Human-assisted Robotic Policy Refinement via Action Preference Optimization
Wenke Xia, Yichu Yang, Hongtao Wu, Xiao Ma, Tao Kong, Di Hu

TL;DR
This paper introduces Action Preference Optimization (APO), a human-assisted method to refine Vision-Language-Action models for robotics, enabling better failure correction and robustness in real-world manipulation tasks.
Contribution
The paper presents APO, a novel adaptive reweighting algorithm that improves VLA models by incorporating human interaction data for post-deployment refinement.
Findings
APO improves model robustness in simulation and real-world tasks.

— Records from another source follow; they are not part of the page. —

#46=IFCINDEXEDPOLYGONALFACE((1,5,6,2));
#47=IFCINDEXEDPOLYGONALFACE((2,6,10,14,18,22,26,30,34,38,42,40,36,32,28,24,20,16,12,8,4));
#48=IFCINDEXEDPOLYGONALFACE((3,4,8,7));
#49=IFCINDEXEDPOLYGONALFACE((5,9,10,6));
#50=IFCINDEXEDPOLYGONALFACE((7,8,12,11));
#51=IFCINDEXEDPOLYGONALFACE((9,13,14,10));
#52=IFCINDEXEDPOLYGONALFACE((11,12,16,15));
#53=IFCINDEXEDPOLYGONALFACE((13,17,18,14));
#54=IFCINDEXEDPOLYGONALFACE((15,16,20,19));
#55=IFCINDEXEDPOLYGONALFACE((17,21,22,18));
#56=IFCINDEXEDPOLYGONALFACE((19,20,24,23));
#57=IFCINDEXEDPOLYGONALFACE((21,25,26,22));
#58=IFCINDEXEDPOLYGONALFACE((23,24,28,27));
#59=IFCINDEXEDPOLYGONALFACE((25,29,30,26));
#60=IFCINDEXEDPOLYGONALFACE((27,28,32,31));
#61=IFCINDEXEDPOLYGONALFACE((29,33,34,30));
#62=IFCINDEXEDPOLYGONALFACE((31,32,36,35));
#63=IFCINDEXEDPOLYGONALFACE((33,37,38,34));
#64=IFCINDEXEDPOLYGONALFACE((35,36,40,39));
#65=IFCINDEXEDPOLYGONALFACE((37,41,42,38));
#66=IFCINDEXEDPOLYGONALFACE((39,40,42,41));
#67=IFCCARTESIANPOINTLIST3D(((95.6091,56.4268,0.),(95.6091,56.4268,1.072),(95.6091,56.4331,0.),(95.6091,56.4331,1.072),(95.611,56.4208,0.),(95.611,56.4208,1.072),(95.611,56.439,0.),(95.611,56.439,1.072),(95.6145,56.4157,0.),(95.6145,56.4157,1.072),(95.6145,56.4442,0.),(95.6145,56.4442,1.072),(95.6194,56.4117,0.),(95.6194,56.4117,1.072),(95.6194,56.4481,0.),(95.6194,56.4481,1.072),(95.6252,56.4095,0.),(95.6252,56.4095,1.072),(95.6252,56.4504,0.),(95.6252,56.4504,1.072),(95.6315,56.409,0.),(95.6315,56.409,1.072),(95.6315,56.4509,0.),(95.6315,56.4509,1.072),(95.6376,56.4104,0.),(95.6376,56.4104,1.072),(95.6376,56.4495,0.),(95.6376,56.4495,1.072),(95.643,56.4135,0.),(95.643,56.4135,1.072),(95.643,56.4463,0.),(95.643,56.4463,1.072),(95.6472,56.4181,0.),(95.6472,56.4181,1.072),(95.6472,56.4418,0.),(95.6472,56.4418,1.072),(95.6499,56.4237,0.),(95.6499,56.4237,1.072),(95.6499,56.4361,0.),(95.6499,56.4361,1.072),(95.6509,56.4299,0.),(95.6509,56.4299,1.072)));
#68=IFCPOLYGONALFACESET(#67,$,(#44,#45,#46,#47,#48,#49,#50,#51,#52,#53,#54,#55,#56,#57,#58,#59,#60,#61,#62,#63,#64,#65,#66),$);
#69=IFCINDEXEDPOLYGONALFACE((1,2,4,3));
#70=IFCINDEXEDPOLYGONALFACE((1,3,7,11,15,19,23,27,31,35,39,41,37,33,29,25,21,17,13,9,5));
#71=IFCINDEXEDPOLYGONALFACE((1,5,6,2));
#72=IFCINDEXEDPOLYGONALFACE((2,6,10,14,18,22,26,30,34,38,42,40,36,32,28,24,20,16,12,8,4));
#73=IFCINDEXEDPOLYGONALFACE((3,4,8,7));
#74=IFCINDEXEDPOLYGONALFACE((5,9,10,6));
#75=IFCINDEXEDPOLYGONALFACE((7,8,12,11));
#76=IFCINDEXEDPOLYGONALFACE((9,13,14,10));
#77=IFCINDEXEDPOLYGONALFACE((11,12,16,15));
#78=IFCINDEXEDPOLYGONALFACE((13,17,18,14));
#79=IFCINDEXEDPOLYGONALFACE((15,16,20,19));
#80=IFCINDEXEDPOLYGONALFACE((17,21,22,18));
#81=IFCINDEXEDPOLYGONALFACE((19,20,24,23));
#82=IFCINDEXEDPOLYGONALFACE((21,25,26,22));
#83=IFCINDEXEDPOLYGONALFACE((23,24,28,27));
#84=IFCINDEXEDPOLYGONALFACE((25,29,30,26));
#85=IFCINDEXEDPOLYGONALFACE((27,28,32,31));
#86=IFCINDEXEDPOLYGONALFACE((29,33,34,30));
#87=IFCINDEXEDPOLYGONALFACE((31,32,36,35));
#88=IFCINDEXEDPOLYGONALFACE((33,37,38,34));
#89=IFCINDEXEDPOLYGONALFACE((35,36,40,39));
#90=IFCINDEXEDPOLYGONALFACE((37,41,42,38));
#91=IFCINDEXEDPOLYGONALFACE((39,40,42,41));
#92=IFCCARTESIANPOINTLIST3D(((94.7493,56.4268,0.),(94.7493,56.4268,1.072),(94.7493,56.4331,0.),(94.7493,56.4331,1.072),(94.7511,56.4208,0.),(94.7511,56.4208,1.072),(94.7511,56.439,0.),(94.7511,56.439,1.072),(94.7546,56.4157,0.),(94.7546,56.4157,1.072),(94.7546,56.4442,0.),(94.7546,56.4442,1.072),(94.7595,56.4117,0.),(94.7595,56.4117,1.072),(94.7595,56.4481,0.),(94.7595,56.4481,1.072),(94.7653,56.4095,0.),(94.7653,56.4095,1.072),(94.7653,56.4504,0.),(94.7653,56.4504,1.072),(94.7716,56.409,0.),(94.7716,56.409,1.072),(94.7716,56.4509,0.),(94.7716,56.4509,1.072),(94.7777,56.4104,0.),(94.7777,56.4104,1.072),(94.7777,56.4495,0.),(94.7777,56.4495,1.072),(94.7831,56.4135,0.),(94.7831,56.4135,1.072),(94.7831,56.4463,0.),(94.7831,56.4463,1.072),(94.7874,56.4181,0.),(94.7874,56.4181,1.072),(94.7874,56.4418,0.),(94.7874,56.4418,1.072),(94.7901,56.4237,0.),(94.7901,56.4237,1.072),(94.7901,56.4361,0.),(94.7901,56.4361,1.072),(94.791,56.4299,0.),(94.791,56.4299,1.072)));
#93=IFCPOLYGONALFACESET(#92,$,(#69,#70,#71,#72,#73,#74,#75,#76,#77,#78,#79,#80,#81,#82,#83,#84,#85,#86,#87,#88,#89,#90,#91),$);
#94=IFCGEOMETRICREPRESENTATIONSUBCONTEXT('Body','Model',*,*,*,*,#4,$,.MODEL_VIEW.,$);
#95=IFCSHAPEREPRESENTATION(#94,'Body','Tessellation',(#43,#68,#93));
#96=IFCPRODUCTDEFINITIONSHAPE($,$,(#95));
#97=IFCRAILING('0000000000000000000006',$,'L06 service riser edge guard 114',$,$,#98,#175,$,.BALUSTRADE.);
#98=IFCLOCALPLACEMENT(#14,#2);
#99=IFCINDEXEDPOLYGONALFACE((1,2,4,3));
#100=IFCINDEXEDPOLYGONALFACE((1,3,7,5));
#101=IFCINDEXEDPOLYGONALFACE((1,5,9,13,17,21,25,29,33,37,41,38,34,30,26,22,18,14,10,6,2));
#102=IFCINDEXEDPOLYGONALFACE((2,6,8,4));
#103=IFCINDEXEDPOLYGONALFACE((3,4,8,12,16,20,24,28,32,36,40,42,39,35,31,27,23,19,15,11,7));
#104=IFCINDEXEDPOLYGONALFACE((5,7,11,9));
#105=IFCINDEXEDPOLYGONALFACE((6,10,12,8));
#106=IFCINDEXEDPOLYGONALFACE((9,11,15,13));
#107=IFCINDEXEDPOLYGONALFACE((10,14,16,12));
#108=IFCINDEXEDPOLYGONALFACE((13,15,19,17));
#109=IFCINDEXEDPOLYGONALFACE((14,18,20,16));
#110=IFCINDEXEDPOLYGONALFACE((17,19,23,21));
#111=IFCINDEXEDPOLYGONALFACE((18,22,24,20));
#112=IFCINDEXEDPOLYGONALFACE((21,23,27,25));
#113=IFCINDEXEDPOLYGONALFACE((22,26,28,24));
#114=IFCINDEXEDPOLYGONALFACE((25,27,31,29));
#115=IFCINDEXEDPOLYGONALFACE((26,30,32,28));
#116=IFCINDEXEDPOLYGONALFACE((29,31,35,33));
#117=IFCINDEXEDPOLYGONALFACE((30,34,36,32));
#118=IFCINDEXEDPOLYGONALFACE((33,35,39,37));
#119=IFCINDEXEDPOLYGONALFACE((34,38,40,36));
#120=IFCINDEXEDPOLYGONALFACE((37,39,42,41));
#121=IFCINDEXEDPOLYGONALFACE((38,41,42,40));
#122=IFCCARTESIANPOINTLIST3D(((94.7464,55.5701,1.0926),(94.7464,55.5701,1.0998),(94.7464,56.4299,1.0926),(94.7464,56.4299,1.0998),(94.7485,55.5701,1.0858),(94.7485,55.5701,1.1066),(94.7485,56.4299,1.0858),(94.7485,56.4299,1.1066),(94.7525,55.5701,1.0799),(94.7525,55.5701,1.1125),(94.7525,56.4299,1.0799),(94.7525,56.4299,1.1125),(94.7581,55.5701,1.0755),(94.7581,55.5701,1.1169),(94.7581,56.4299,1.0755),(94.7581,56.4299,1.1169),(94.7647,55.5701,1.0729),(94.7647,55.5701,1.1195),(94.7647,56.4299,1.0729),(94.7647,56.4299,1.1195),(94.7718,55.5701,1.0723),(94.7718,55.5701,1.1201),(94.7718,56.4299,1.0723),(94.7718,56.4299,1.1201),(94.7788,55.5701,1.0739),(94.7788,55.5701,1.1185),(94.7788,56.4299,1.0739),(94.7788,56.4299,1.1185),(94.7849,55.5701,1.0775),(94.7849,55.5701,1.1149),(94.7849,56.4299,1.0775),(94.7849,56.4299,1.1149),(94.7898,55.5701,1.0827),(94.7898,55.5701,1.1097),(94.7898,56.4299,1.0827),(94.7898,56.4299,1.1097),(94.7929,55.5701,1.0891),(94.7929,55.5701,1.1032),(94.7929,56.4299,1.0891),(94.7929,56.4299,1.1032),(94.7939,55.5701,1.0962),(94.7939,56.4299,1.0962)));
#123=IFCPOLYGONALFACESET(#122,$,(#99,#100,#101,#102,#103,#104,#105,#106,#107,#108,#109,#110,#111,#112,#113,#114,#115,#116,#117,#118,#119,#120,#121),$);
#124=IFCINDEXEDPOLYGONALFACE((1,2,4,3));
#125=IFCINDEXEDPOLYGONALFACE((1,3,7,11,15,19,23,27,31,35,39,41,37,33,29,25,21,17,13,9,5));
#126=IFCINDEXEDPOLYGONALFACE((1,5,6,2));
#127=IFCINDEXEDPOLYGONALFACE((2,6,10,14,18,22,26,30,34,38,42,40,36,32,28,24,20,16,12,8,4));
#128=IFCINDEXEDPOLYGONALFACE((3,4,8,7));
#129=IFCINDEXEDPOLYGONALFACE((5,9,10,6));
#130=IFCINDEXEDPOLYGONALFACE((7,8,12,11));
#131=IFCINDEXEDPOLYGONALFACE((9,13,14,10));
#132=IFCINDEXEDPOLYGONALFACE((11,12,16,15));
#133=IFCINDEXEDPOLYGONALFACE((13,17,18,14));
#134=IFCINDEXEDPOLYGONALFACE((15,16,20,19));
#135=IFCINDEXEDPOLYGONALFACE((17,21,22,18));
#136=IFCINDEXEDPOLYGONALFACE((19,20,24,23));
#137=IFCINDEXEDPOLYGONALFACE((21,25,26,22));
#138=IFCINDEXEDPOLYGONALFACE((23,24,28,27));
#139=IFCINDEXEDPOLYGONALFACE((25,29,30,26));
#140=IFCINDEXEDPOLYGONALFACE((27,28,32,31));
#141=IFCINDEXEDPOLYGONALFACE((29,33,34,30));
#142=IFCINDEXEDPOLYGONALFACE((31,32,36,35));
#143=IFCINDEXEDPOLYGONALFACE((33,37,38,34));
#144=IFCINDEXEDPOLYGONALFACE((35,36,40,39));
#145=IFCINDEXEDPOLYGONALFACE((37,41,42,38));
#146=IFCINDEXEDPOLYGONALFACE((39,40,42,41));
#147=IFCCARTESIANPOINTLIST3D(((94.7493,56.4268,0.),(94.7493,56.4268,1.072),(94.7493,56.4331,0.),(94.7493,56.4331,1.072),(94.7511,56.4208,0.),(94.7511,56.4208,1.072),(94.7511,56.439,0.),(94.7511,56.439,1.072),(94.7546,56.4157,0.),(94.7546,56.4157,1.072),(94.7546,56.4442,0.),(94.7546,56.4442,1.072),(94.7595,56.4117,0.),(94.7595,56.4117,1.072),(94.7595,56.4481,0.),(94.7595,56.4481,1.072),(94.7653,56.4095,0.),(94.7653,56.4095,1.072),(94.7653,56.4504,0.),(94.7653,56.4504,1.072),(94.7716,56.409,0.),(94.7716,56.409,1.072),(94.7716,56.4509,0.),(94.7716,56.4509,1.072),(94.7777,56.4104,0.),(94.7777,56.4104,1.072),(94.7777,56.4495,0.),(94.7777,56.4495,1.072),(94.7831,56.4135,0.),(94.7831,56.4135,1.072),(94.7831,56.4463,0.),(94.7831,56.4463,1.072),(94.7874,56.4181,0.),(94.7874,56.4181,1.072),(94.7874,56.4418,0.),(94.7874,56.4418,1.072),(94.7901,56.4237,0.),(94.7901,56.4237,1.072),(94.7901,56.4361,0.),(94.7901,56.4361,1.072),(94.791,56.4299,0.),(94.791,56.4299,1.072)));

The method effectively suppresses failure-prone actions.
Enhanced generalization in dynamic environments.
Abstract
Establishing a reliable and iteratively refined robotic system is essential for deploying real-world applications. While Vision-Language-Action (VLA) models are widely recognized as the foundation model for such robotic deployment, their reliance on offline expert demonstrations critically limits their capacity for post-deployment refinement. To mitigate this limitation, we introduce Action Preference Optimization (APO), a method designed to refine VLA models by human-assisted preference alignment gathered through interaction with environments. This method begins with a human-robot collaboration framework for reliable failure correction and interaction trajectory collection through human intervention. However, directly leveraging these interaction trajectories for preference optimization is non-trivial due to the challenges of irreversible robotic actions and token distribution…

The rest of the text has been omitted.